←back to thread

LLMs can get "brain rot"

(llm-brain-rot.github.io)
466 points tamnd | 2 comments | | HN request time: 0.509s | source
Show context
pixelmelt ◴[] No.45657074[source]
Isn't this just garbage in garbage out with an attention grabbing title?
replies(6): >>45657153 #>>45657205 #>>45657394 #>>45657412 #>>45657896 #>>45658420 #
1. icyfox ◴[] No.45657896[source]
Yes - garbage in / garbage out still holds true for most things when it comes to LLM training.

The two bits about this paper that I think are worth calling out specifically:

- A reasonable amount of post-training can't save you when your pretraining comes from a bad pipeline; ie. even if the syntactics of the input pretrained data are legitimate it has learned some bad implicit behavior (thought skipping)
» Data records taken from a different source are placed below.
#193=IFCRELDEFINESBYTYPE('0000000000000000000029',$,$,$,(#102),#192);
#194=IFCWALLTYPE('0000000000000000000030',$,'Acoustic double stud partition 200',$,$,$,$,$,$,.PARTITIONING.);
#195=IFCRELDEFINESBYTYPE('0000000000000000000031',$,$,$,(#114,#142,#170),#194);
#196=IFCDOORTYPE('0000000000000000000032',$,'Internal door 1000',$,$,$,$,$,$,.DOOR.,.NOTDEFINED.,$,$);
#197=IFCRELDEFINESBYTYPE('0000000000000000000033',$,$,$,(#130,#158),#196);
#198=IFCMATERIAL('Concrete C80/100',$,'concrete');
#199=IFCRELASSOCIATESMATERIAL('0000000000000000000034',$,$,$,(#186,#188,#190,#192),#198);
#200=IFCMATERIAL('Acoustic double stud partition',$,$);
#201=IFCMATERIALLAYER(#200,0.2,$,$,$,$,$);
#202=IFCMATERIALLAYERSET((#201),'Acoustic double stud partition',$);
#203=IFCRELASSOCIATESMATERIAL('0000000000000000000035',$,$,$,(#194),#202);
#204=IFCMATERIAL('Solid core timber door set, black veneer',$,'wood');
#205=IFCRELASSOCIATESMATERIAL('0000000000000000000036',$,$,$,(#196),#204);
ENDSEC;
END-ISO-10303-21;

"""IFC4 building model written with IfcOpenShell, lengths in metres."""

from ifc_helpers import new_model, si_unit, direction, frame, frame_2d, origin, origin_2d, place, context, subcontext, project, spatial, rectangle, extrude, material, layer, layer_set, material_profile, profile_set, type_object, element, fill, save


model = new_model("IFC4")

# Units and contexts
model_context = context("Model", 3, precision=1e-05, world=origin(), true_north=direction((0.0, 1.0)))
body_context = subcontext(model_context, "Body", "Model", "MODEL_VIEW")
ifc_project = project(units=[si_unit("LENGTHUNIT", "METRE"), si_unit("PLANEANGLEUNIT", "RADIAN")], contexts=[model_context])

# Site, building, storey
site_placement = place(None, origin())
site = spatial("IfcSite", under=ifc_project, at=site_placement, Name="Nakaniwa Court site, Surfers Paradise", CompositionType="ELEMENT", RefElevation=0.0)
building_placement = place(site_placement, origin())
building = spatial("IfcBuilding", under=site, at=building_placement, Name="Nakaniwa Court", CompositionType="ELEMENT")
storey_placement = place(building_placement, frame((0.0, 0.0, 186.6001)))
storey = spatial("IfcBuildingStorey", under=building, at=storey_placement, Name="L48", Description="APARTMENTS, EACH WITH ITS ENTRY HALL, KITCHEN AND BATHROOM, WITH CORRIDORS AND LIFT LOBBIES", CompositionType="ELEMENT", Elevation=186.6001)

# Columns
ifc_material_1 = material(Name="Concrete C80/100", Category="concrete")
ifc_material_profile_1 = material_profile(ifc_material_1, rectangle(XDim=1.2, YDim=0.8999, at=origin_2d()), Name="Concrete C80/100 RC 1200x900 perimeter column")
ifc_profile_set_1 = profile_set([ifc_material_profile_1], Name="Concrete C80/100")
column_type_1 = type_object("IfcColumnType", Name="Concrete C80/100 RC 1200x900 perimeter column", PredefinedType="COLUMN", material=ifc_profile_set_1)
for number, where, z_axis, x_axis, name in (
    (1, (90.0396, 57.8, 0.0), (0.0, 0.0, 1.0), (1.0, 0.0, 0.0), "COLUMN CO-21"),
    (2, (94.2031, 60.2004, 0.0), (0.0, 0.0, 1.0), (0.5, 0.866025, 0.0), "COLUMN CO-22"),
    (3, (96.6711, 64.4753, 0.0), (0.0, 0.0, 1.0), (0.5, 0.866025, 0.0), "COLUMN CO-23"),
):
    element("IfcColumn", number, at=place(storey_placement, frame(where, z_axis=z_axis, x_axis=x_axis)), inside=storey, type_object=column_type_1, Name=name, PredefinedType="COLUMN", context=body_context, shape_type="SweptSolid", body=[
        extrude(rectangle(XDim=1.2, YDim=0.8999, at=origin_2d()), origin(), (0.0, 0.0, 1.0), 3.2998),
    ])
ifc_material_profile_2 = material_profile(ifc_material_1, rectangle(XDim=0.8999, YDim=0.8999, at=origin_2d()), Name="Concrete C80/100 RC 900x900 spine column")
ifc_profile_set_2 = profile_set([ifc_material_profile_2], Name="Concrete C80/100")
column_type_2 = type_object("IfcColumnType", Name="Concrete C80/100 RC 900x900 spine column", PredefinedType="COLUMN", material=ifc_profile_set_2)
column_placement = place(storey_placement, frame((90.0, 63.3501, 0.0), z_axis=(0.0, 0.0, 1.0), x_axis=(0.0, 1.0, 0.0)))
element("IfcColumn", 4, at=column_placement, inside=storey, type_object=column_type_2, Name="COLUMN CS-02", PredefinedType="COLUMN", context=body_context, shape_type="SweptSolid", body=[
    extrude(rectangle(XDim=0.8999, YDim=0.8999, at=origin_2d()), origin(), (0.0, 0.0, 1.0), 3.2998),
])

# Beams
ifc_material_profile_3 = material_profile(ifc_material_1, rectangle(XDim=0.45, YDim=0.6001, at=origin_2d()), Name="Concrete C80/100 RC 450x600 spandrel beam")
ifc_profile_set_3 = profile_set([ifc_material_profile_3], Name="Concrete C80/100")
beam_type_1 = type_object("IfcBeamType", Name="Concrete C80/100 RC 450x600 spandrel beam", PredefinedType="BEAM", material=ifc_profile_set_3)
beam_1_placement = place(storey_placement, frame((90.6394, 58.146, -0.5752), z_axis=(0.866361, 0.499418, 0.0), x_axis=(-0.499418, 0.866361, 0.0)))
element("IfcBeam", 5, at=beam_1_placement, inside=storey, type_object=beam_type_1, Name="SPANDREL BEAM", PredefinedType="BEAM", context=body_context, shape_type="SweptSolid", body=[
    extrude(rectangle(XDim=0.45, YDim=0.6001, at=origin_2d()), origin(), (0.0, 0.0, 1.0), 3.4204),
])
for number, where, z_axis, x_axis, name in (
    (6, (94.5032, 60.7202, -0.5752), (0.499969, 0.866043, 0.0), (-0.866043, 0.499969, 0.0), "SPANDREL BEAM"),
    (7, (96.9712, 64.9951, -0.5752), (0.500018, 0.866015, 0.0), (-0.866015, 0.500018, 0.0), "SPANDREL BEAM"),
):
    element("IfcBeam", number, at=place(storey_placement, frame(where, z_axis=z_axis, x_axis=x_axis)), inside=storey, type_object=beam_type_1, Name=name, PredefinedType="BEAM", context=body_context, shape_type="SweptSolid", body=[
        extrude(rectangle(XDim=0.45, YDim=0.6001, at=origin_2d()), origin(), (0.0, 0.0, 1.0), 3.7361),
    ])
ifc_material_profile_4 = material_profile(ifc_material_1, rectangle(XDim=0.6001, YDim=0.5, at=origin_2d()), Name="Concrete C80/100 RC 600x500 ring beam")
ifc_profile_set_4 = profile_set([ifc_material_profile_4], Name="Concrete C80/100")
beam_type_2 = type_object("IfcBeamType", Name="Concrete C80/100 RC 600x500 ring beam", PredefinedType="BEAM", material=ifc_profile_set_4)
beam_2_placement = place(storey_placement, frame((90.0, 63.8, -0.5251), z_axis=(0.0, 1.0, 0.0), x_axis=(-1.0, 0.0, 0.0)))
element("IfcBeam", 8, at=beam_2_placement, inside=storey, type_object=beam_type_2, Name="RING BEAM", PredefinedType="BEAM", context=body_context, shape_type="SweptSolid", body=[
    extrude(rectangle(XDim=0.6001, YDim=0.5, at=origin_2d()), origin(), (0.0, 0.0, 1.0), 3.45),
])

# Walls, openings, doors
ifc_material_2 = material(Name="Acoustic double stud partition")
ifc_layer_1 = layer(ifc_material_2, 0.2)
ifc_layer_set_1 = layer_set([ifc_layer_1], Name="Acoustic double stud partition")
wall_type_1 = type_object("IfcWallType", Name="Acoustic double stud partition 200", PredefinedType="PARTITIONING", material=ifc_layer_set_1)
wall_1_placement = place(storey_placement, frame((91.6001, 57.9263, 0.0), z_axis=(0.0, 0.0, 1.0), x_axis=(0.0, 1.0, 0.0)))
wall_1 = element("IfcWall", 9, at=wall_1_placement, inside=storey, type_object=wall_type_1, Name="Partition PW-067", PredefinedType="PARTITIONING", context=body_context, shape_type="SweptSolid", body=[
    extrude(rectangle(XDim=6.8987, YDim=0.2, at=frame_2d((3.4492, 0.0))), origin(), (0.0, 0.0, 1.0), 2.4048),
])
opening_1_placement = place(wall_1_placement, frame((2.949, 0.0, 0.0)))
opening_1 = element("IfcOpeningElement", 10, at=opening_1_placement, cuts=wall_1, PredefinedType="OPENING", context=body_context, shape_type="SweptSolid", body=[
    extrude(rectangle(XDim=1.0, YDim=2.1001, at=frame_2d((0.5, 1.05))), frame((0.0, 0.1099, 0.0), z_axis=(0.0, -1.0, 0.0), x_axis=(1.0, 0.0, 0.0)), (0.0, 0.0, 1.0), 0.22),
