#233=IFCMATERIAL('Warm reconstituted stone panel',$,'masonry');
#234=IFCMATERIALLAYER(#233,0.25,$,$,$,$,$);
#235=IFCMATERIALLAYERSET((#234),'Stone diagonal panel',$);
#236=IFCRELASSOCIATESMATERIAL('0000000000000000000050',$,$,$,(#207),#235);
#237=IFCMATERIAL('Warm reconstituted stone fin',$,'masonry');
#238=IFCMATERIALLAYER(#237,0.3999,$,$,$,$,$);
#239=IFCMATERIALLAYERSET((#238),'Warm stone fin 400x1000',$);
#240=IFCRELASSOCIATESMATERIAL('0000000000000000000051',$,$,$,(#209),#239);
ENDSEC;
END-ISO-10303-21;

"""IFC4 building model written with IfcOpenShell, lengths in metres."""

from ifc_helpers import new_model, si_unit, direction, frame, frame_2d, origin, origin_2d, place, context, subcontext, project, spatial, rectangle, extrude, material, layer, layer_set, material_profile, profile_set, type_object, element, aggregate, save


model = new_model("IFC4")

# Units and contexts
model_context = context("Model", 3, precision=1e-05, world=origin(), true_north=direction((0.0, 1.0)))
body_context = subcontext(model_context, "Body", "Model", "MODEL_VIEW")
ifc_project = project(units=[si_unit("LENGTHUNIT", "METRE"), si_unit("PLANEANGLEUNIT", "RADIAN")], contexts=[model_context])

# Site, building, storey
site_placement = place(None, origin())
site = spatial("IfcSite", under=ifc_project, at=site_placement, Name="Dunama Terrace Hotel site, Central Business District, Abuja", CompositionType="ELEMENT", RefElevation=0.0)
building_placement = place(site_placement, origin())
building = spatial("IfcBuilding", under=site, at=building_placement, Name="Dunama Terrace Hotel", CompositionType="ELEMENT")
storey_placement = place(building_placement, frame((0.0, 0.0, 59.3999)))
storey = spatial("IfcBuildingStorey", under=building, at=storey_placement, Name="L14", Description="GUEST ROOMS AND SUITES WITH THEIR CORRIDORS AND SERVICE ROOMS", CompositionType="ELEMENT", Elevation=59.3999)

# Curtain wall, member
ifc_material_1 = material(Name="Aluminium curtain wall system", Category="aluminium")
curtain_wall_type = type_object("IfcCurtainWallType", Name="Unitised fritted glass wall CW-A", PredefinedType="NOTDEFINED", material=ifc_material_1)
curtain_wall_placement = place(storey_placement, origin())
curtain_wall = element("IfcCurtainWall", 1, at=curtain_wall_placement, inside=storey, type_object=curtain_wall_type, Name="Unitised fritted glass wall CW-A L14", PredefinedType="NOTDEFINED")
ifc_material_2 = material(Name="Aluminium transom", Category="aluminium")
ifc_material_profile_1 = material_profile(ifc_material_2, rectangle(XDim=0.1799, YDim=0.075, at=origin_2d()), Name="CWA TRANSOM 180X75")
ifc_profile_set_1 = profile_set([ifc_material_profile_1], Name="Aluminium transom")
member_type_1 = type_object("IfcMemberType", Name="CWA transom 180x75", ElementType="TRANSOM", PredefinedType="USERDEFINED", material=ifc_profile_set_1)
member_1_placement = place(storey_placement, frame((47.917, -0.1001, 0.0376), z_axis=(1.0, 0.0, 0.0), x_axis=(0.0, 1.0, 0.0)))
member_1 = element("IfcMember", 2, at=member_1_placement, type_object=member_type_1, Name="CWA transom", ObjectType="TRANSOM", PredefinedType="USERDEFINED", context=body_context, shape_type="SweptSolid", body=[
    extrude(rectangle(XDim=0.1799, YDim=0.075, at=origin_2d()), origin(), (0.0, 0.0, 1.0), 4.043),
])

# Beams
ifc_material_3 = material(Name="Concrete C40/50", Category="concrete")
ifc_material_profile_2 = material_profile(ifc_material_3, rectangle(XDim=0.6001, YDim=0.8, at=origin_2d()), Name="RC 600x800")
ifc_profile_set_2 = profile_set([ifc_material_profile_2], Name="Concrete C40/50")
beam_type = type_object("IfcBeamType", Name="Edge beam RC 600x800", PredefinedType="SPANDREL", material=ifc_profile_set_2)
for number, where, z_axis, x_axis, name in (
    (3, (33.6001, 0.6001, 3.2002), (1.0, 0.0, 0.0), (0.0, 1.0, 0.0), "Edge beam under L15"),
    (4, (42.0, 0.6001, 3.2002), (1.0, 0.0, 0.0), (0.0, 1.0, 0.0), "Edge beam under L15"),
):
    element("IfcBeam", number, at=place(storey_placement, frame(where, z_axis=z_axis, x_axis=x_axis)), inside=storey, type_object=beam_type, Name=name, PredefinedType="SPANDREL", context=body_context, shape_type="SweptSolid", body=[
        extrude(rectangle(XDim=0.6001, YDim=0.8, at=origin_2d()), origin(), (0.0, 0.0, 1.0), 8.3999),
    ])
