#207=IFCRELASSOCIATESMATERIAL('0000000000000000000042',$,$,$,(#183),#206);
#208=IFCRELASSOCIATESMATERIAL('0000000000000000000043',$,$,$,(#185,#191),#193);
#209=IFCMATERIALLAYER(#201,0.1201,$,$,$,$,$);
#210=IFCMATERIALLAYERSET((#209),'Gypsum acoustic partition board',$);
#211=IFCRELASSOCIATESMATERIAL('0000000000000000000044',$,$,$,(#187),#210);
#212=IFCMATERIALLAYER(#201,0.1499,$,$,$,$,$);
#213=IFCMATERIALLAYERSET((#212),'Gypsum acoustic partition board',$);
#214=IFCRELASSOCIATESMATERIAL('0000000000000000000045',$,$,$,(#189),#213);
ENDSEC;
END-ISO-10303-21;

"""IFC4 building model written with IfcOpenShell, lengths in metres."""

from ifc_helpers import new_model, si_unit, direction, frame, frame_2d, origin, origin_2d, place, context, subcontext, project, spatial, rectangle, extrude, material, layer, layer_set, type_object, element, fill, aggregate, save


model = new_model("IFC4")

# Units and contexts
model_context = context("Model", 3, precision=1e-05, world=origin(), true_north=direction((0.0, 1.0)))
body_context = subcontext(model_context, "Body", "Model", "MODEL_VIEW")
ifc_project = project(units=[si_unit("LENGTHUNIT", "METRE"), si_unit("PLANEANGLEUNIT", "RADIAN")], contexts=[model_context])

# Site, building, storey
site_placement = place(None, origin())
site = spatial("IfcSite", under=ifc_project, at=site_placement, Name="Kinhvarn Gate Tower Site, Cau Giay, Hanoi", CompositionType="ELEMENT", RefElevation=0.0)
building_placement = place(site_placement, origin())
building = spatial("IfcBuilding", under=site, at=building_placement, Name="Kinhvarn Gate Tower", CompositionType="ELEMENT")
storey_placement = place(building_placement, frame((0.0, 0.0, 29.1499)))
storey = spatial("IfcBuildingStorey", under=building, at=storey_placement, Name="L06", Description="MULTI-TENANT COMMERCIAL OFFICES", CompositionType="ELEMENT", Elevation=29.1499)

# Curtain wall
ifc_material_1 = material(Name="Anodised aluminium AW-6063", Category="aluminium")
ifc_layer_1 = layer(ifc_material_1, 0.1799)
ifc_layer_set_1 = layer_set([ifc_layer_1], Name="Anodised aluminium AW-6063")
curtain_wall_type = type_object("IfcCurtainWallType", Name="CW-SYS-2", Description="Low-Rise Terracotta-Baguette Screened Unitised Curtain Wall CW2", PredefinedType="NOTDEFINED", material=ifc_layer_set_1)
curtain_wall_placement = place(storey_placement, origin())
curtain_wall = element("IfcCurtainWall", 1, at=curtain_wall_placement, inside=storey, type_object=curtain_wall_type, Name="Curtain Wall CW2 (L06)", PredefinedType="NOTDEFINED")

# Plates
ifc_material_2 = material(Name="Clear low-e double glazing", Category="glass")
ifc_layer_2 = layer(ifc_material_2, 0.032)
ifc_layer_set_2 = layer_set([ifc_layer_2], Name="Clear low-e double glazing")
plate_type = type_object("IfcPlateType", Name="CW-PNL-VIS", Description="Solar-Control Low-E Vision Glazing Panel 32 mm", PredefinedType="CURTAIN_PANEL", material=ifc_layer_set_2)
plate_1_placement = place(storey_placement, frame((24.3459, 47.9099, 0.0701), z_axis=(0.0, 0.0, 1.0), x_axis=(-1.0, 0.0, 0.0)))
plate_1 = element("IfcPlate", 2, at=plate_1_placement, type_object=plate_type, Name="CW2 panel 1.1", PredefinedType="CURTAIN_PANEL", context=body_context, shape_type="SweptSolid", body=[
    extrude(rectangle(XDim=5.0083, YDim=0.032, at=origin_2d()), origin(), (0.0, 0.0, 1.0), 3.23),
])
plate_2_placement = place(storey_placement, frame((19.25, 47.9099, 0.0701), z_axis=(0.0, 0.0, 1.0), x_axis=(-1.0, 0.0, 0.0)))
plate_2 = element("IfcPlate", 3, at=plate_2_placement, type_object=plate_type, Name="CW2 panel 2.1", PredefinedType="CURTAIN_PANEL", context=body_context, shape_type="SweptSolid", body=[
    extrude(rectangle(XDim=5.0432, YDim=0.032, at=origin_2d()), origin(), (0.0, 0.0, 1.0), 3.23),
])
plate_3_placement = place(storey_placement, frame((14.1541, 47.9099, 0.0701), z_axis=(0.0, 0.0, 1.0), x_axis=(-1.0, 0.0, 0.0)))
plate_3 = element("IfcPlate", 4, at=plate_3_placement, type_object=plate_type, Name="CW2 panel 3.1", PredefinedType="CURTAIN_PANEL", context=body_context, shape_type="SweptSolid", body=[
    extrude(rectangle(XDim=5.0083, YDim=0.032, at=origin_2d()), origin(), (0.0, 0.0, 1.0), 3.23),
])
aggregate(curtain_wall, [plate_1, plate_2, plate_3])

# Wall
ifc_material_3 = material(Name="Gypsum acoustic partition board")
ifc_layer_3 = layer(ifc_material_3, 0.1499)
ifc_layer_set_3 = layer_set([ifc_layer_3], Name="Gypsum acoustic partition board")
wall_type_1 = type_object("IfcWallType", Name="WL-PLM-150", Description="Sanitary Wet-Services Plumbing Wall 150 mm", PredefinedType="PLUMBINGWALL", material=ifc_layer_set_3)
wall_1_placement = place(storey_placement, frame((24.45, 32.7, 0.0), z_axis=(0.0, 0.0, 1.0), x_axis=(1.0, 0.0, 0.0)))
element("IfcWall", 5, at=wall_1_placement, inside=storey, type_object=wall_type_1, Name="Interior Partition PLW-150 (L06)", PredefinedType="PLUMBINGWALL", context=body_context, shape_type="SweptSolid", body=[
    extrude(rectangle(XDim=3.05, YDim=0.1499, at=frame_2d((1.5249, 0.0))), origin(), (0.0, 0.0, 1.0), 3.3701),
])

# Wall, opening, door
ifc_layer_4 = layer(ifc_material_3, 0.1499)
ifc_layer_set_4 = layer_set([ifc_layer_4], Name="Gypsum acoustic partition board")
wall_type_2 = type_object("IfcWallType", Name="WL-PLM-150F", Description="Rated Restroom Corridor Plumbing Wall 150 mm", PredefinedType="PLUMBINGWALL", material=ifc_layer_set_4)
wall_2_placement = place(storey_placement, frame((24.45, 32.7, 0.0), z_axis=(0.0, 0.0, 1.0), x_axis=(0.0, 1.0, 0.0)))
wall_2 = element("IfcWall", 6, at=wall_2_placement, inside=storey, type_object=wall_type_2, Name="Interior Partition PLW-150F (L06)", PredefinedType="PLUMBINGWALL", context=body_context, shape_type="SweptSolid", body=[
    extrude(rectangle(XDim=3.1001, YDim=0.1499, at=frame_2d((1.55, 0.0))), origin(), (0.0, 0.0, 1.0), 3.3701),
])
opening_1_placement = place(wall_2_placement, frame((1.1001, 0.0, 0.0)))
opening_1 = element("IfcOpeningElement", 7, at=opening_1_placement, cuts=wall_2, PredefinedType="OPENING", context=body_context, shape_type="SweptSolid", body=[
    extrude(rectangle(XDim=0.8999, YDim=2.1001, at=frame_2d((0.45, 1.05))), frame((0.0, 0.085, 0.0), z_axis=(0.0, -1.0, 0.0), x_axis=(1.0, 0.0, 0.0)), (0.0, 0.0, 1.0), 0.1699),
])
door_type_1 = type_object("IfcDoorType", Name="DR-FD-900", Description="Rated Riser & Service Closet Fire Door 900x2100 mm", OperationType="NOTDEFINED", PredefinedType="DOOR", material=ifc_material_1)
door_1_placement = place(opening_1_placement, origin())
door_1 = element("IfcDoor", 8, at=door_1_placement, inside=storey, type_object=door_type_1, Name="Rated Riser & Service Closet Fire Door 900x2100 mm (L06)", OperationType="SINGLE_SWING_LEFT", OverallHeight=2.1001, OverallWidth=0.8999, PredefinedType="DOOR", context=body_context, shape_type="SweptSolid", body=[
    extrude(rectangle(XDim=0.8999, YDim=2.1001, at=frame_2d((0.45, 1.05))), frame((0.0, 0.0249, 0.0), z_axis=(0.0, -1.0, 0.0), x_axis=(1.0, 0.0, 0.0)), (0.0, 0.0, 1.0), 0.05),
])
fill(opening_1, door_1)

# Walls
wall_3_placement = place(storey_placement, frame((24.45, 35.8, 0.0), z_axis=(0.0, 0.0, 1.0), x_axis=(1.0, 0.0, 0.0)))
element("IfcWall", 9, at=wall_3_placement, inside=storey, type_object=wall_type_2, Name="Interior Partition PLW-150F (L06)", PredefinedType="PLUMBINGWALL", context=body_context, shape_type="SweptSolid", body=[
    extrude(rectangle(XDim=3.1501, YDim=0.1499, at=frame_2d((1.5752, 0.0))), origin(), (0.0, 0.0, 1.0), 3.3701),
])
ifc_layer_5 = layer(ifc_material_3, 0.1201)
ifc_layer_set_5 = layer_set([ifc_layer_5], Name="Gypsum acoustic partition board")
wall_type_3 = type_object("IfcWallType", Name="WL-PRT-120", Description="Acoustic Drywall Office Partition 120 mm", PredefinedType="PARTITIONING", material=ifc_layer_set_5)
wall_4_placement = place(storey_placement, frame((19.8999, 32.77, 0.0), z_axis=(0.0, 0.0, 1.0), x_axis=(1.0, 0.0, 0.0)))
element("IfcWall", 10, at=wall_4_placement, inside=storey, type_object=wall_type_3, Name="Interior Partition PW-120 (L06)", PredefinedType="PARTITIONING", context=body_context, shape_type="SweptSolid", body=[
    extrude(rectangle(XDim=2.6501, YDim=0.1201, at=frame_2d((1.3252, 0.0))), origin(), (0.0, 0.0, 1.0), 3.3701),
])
- Trying to classify "bad data" is itself a nontrivial problem. Here the heuristic approach of engagement actually proved more reliable than an LLM classification of the content

replies(1): >>45659231 #
2. satellite2 ◴[] No.45659231[source]
Yes but the other interesting bit which is not clearly addressed is that increasing the garbage in to 100% does not result in absolute garbage out. So visibly there is still something to learn there.